The $130K Model X is the signature version. There are 1000 of them, and you
had to pay $40K to claim a spot. They are fully loaded with every option. The
lower trim packages will be available after those first 1000 are shipped.

------
alkonaut
I think the recent technological development of the modern diesel is pretty
impressive. Environmental policies set the bar at 120g/km and all the
manufacturers promptly delivered on that. The engine power inflation didn't
even stop (on the contrary, it continued) so now we drive super-efficient and
super powerful small engines. 200hp, 300Nm and 5L/100km would seem like
sorcery 15 years ago. Now it's par for the course.

This would seem like a massive success for environmental regulation, and then
the VW scandal broke. To me it just seems that the regulation wasn't good
enough: all it would have taken was to have strict regulations for _all_
emissions (Particles, CO2, NOx, ...) and realistic test cycles.

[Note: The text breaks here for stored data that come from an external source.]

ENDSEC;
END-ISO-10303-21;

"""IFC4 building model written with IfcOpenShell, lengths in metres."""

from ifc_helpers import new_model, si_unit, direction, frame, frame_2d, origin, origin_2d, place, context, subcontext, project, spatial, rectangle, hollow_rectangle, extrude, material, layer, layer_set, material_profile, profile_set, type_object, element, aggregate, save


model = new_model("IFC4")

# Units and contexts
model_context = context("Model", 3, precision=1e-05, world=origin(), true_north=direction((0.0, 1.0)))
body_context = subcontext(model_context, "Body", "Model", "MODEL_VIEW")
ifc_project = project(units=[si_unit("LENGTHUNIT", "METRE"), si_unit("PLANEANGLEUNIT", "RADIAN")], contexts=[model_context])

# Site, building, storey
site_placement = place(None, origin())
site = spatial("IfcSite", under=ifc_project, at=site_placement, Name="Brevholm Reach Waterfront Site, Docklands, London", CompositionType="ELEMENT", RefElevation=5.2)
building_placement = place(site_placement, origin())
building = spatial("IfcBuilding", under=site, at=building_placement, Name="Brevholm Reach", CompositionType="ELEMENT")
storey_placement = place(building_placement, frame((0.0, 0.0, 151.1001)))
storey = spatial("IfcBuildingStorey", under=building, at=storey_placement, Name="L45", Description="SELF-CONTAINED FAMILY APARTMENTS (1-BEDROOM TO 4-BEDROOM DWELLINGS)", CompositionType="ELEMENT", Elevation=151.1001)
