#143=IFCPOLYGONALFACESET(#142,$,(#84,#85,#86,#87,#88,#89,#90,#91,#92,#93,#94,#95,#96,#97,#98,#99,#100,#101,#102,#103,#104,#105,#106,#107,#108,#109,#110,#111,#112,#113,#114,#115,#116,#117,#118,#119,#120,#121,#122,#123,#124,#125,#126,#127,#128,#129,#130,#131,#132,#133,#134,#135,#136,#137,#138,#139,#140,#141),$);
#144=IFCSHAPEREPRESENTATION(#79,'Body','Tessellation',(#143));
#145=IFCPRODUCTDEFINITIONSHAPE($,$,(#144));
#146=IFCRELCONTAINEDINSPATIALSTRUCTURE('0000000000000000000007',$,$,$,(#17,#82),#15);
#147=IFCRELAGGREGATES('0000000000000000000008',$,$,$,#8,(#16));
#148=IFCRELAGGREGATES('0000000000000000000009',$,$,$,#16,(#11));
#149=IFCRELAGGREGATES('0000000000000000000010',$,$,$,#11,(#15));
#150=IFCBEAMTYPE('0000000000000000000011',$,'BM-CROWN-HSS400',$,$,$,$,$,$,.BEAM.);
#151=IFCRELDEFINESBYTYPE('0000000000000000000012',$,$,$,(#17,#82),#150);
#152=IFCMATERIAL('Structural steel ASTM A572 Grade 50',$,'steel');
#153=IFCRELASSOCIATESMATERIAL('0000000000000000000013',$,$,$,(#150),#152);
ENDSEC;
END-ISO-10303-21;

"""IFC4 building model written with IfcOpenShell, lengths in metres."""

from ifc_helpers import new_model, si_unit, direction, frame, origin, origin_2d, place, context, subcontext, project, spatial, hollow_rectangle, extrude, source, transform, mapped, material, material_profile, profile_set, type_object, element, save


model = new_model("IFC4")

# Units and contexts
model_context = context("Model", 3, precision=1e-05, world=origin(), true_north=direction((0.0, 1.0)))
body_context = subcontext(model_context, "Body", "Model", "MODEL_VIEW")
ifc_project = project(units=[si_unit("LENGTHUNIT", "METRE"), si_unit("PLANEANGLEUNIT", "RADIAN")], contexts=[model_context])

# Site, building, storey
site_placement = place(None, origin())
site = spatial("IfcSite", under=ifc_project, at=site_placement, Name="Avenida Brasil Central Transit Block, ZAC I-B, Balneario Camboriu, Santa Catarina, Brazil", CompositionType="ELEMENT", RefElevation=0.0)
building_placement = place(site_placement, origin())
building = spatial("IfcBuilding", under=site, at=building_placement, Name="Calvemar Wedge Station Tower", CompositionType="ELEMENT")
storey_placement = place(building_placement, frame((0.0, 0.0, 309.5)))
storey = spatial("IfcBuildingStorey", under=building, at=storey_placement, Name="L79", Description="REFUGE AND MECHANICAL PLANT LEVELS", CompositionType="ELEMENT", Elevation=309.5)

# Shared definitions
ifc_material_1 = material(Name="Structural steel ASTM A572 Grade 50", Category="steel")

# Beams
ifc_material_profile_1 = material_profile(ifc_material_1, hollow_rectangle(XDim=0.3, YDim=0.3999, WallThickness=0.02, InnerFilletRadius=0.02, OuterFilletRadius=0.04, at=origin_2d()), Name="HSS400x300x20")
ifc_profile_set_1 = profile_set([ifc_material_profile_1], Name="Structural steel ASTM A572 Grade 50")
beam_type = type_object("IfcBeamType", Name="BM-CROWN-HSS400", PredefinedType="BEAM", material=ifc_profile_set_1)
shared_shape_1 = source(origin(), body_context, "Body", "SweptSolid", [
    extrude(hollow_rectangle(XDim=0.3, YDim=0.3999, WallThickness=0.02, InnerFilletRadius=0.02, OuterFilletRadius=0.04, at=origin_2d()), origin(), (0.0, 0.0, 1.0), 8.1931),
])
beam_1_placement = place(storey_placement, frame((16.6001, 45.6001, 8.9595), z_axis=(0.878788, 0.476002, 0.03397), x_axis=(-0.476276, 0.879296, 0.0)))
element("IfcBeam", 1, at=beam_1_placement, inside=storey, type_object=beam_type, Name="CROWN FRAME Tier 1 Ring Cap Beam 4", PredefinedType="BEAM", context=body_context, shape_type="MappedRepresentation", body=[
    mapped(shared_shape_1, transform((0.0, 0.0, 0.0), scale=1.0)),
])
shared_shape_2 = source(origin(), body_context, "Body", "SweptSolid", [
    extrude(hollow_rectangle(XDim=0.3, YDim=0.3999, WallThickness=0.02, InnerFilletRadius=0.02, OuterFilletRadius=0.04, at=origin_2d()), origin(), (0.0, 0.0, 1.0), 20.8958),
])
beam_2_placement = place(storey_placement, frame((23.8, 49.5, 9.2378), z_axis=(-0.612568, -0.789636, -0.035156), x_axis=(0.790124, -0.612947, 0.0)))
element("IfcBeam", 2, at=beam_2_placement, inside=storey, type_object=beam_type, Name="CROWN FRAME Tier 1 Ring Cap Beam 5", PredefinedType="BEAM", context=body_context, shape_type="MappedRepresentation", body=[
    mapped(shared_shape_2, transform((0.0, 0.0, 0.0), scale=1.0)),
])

At this point we should probably just tighten the regulations: set the bar at
100g/CO2 and also tighten the other emissions values to whatever a modern
1.4Litre petrol engine emits today. Then tighten the regulations every year.
If manufacturers can squeeze diesels down to those levels, great! If they
can't, hybrids and EV's will take the place of these cars that consumers will
likely find underpowered under the new emission standards.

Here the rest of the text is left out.